J'ai en ma possession 2 clés USB et un disque dure externe. Une image ISO window 10 64 bit téléchargé sur le site de windows.

Mon problème principal est le suivant : 

L'assistant Boot Camp fonctionne parfaitement (création d'une USB bootable, téléchargement des logiciels de prise en charge, et sélection de la taille des partitions) jusqu'au redémarrage du MAC : un écran noir s'affiche puis en haut à gauche "no bootable device insert boot disk and press any key".

Ayant contacté plusieurs fois l'assistance Apple à ce sujet, nous avons : réinitialisé mon mac et formaté une clé USB en ExFAT avant qu'elle soit formaté par bootcamp... les deux manip' sans succès.

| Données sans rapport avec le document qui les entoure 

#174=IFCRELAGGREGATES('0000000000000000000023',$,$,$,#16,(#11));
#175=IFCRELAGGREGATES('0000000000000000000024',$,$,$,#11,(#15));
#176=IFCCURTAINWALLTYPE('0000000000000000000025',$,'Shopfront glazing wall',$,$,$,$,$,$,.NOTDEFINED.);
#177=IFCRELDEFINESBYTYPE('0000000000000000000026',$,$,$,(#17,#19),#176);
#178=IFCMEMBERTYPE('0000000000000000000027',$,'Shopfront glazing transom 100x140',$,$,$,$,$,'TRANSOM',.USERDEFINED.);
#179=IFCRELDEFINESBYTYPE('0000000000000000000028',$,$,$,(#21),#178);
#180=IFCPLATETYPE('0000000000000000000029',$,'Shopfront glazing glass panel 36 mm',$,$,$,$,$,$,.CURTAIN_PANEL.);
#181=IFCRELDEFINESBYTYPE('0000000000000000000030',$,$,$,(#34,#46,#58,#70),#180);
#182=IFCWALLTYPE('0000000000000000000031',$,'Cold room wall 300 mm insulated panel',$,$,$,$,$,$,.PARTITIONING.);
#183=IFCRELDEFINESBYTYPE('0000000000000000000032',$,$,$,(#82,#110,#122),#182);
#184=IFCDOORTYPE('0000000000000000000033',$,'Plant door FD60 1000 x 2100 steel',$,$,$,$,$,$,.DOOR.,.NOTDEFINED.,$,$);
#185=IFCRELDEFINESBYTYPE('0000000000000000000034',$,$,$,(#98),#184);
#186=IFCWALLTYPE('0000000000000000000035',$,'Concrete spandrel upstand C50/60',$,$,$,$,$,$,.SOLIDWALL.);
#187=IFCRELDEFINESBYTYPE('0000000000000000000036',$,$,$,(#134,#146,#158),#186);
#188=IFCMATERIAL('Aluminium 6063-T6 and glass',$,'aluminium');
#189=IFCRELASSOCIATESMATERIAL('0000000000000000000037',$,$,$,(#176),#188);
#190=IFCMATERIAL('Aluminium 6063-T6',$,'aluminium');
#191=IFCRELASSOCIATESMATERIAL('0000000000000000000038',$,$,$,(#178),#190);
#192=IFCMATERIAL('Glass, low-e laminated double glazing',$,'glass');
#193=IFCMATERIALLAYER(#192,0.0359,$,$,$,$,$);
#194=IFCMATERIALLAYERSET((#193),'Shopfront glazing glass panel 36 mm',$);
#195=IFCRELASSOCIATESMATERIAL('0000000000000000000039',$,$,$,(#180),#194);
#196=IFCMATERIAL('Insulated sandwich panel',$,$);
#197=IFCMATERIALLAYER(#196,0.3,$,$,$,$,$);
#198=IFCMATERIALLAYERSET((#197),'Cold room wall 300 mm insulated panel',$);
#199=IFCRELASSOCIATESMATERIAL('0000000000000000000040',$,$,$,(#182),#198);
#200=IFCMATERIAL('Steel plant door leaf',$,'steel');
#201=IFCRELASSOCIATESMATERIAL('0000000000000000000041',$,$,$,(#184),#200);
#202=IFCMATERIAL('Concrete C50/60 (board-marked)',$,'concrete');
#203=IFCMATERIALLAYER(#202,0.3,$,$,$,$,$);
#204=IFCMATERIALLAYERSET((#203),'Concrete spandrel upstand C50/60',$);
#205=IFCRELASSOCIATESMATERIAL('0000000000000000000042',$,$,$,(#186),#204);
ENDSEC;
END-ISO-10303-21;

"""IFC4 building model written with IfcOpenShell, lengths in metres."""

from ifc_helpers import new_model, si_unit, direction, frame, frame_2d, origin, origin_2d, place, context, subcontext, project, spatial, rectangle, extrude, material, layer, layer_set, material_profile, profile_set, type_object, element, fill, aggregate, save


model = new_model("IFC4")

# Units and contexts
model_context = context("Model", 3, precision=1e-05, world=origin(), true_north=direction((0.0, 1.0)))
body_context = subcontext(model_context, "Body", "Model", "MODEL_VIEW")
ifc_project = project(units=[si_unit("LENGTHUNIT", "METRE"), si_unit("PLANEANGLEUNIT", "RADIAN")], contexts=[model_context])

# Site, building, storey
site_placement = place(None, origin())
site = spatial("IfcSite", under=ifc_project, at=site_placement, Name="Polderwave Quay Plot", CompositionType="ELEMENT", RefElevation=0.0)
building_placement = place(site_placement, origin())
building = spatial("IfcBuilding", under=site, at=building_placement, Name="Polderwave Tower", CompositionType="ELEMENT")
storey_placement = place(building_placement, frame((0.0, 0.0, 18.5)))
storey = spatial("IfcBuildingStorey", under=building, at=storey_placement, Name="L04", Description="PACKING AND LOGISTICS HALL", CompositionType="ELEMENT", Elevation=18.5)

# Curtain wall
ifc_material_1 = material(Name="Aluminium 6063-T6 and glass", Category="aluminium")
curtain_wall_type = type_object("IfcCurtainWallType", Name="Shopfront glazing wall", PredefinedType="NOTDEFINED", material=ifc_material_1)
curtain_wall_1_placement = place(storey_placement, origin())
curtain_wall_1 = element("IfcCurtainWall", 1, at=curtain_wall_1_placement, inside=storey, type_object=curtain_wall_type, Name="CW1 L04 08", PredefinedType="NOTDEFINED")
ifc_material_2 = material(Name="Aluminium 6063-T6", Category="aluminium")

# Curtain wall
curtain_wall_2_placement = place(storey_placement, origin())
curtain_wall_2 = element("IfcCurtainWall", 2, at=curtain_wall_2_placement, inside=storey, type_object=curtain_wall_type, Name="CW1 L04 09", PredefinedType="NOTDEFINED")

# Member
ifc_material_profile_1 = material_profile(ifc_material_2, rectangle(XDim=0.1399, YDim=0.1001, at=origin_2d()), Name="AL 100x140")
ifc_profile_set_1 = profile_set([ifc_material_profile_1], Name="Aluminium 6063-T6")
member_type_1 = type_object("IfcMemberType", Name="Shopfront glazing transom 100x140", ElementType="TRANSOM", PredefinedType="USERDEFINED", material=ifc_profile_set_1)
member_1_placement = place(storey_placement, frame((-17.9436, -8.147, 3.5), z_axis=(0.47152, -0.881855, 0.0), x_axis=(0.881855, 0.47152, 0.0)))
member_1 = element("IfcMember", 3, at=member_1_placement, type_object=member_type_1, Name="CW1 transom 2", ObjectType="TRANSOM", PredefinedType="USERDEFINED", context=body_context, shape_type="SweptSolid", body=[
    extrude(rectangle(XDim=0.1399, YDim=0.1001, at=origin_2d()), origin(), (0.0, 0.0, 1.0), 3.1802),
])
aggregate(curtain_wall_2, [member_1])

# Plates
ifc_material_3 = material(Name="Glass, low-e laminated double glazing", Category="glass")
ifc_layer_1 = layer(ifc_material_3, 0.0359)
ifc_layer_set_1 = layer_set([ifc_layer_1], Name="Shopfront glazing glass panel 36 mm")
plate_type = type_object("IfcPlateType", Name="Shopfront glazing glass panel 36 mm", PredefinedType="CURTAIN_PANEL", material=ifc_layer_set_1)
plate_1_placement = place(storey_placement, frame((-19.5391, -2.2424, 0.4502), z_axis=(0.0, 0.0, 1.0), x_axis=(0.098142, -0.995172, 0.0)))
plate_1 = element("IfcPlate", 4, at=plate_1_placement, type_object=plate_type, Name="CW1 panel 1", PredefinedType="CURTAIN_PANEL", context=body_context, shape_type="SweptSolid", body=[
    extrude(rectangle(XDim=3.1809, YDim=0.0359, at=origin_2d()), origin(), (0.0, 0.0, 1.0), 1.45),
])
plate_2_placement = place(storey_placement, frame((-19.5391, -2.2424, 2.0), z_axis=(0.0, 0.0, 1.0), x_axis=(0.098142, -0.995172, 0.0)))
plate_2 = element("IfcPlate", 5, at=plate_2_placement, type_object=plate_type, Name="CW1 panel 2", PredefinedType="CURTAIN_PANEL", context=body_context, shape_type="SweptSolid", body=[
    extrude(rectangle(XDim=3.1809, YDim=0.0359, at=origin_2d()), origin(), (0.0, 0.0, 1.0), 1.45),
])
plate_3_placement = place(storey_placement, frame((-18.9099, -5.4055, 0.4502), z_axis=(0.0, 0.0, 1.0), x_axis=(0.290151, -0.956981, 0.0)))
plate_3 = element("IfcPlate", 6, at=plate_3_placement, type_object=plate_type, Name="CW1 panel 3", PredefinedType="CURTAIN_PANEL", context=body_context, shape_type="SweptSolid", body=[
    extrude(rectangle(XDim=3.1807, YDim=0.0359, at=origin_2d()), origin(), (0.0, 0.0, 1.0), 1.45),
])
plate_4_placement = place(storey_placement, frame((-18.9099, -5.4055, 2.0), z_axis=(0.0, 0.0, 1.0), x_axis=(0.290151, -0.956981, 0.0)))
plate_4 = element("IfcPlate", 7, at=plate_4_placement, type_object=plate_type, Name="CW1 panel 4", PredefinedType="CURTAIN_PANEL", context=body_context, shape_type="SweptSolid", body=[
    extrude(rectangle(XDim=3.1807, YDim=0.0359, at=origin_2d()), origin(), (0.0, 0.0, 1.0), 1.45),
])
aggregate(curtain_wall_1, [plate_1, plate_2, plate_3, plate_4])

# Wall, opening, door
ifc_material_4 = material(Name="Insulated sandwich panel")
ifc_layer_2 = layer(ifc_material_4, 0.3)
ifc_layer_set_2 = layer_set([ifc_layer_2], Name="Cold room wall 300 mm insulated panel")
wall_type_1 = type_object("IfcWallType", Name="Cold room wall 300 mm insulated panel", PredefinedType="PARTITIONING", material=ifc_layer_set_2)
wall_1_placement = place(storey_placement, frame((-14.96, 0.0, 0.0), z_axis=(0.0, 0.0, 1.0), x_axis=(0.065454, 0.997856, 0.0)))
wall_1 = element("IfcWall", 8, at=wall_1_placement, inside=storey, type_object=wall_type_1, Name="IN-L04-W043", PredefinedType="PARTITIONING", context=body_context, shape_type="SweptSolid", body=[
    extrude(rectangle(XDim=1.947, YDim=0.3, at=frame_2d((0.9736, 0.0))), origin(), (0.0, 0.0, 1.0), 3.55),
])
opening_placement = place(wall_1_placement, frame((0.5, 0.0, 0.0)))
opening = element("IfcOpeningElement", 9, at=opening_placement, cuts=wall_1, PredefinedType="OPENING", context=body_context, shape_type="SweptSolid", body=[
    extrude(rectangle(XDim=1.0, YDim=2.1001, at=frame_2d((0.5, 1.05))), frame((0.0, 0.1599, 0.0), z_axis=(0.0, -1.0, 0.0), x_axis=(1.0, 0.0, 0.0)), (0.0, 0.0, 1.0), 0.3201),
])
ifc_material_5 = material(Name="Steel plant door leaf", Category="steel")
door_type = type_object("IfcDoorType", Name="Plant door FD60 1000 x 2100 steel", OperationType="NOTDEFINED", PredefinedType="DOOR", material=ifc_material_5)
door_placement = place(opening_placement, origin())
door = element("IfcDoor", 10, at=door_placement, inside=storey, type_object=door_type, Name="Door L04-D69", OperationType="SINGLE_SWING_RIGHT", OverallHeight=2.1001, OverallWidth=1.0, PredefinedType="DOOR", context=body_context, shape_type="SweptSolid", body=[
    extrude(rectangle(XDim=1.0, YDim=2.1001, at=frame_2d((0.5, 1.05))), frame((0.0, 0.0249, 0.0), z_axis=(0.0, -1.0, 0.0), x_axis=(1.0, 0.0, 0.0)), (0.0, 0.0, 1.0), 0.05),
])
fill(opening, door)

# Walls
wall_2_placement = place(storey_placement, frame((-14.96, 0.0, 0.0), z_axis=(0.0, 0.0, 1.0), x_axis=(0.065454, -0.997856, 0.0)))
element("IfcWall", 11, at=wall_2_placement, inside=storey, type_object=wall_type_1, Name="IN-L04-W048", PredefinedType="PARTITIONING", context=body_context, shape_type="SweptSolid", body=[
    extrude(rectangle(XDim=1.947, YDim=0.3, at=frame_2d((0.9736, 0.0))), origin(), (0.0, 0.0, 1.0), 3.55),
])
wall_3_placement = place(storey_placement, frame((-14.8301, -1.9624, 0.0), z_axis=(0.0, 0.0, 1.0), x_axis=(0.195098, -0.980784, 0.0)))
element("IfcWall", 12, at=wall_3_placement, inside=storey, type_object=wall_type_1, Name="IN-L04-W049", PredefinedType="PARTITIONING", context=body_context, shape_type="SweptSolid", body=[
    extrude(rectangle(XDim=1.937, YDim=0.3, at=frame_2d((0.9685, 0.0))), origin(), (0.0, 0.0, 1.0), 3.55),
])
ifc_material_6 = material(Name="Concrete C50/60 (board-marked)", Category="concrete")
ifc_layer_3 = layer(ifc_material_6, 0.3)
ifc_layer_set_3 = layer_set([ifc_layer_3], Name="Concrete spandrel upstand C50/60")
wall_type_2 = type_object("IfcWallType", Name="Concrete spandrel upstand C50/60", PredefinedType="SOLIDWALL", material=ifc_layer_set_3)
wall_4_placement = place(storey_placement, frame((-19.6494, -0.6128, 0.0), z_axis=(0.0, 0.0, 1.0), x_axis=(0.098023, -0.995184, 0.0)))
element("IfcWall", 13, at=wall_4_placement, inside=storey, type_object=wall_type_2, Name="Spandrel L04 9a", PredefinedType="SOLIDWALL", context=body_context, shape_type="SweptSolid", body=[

Par mes propres moyens, j'ai compris que l'on pouvait passer l'écran noir "no bootable Device" en appuyant sur ALT au redémarrage, je sélection alors mon EFI Boot et lance l'installation window, mais, nouveau problème : un message d'erreur m'indique que la partition BOOTCAMP a des contenu MBR et que Windows ne peut s'installer que sur du GPT (le formatage de la partition à ce moment là ne résoudre pas le problème).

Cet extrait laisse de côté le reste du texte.